# WSM 18 or 22?



## boardgames4bbq (Jul 20, 2019)

So 7 years ago I purchased a Brinkmann Gourmet charcoal smoker and heavily modified it.












IMG_20170520_062819427.jpg



__ boardgames4bbq
__ Aug 3, 2017






Last weekend I noticed after cleaning up, that the cooking chamber and charcoal pan had developed holes from rust. I have convinced my wife that it is time to replace the Brinkmann. Seeing as I basically made my Brinkmann into a WSM  it feels right to just get the WSM.
I am conflicted as to what size to get. Both the 18 and 22 are larger than my current set up. Do the cook the same? Does the 22 waste fuel or have a more user friendly door size? Also I have seen people sayi g to keep the water bowl dry when cooking on the WSM. Why? I have always had good results with water in the pan.

Also here is the results of my labor from last weekend.  I have a OK Joe Highland as well that I used for the brisket, burnt ends, and chicken wings.


----------



## chopsaw (Jul 20, 2019)

Most will tell you 22 . Go by the store and see which one you like better . I have a 14 . They run good . Which ever you choose I think you will be happy .


----------



## jaxgatorz (Jul 20, 2019)

Trust me. There will come a time when you are going to want that extra space that the 22 gives you..


----------



## Berettaclayshooter (Jul 20, 2019)

This is America, get the bigger one.  Just like a shed or a garage, you can't have enough space.


----------



## gmc2003 (Jul 20, 2019)

I have the 22". That said, the extra space is nice to have, but not really needed in most instances.  I normally only cook for the wife and I, as the kids have long since moved out. It gets used for longer cooks(brisket/butts) and I usually fill at least the top grate when I fire it up. I hate seeing all that empty real estate go to waste.
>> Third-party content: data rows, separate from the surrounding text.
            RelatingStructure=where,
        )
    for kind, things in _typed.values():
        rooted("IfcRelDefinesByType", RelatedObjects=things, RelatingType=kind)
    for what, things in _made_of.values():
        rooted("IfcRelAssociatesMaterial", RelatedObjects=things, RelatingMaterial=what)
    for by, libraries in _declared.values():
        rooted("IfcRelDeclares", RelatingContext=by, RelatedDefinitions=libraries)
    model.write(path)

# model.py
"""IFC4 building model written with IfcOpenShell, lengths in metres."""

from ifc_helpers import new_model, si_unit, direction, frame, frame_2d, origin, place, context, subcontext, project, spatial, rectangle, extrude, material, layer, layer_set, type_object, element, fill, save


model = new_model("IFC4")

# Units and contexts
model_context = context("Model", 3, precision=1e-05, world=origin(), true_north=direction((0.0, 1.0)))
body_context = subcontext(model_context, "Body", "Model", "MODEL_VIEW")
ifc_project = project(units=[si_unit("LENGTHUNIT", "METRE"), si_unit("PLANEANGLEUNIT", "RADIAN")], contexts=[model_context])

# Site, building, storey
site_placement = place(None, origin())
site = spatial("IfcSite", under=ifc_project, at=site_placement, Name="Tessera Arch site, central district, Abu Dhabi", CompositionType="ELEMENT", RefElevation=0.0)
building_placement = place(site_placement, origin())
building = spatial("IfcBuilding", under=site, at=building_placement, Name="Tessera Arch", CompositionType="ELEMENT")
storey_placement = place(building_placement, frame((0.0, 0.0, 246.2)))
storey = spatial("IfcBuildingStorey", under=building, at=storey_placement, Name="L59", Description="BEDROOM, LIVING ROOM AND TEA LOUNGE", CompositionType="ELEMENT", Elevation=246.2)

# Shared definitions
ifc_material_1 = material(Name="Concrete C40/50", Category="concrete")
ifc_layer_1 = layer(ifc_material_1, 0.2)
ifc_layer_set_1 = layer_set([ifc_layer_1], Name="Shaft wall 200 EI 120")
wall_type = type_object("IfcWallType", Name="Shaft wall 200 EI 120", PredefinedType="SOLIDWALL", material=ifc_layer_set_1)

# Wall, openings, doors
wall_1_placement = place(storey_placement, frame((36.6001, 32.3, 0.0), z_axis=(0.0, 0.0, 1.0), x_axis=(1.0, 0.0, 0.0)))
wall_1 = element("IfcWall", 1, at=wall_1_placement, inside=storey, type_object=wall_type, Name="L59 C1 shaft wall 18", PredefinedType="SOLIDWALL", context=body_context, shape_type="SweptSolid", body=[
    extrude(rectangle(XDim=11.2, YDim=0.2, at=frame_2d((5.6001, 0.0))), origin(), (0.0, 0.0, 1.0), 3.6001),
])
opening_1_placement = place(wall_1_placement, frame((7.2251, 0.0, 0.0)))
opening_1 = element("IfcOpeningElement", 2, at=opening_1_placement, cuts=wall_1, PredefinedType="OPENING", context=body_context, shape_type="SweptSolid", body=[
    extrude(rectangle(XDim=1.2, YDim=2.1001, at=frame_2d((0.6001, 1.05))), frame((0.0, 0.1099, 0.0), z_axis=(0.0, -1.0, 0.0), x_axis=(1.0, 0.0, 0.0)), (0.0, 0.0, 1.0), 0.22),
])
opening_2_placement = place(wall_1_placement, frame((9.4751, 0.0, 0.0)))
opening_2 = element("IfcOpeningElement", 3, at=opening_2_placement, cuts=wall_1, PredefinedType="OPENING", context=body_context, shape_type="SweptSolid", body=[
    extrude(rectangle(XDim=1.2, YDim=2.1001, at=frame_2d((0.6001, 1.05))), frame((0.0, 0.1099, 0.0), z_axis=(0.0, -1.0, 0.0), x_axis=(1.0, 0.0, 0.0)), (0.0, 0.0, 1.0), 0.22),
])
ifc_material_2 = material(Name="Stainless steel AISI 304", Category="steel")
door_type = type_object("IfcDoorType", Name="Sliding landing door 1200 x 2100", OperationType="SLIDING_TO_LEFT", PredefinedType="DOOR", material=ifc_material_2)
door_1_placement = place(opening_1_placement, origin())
It will burn more charcoal then the smaller units and comes in really handy for when I do family get-togethers. Which is about 3 times a year. I don't use water in my WSM. I hate using up good coal heating the water up when I'm gonna be running the WSM at 250*. The door on my WSM has been opened about twice since I've owned it so as to it being friendly as long as it stays on then I consider it friendly. As for your question: which size? it depends on how much space is needed for your cooks. If your cooking for 2-3 people only then the smaller sizes will work just fine. If you have a larger family or do parties then the 22" is probably a better choice. 

Chris


----------



## WaterinHoleBrew (Jul 20, 2019)

I have the 18, was a $100 Craigslist find about a decade ago...  Had hardly been used, sitting covered in a garage. I really like the WSM cookers, they are excellent.  Though I can't complain due to the price I paid for the 18... I will say that there have been times I wished it was a 22, for just a little bit of extra space.


----------



## noboundaries (Jul 20, 2019)

When you stock up on charcoal in the Spring and Summer when it is on sale, $50 gets you 200 lbs. Most years I go through about 400-500 lbs a year split between my 22" WSM and 22" Kettle; 200-250 lbs in a slow year. It's just me and my wife, but that cost is relatively small compared to our other utility bills.


----------



## squatch (Jul 21, 2019)

Nice looking spread of grub you cooked up boardgames! I think you will really enjoy your new Weber whatever size you end up choosing.
 I am definitely a huge fan of the WSM, so much so I have now acquired one of each size haha! And I use them all...
 The 14”er is nice for being portable and taking camping etc.  It is perfect for doing a couple TriTip at a time and I’ve developed a method of using it to reverse sear and it works great!
 The 18” is “just right” for most of my needs and gets the most use overall, and the difference in efficiency and coal consumption over the 14” is negligible.
 The 22” is great if you do large cooks or like smoking multiple racks of SPARE ribs... You can easily fit 6 full racks of spare ribs laying flat, or 4-6 spiral cut hams, or 8-10 pork shoulders all at once! It does hold and consume substantially more fuel compared to the smaller sizes, but it is still efficient and it’s larger size helps it hold your target temp better with less fluctuations or need for tinkering with vent adjustments.
 If I was forced to choose only one I think I would go with the 22” just for the huge capacity. I suppose it really boils down to the volume of food you intend to prepare at once.

Happy Smoking!


----------



## smokinbill1638 (Jul 22, 2019)

+1 for the 22 I have had the 22 for many years and love it. I do multiple pork butts at a time and fill the freezer.   Never worried if i can get enough ribs on.  It does take some time to heat up.  I am wanting a 14 for after work cooks of chicken, abts, smaller cooks,  and to have an additional space when doing more.


----------



## SlowmotionQue (Jul 24, 2019)

I have an 18 and a 22

Short answer, definitely get the 22.

The 18 can get crowded real fast.  And when you load it down with food, it can take forever for things to cook.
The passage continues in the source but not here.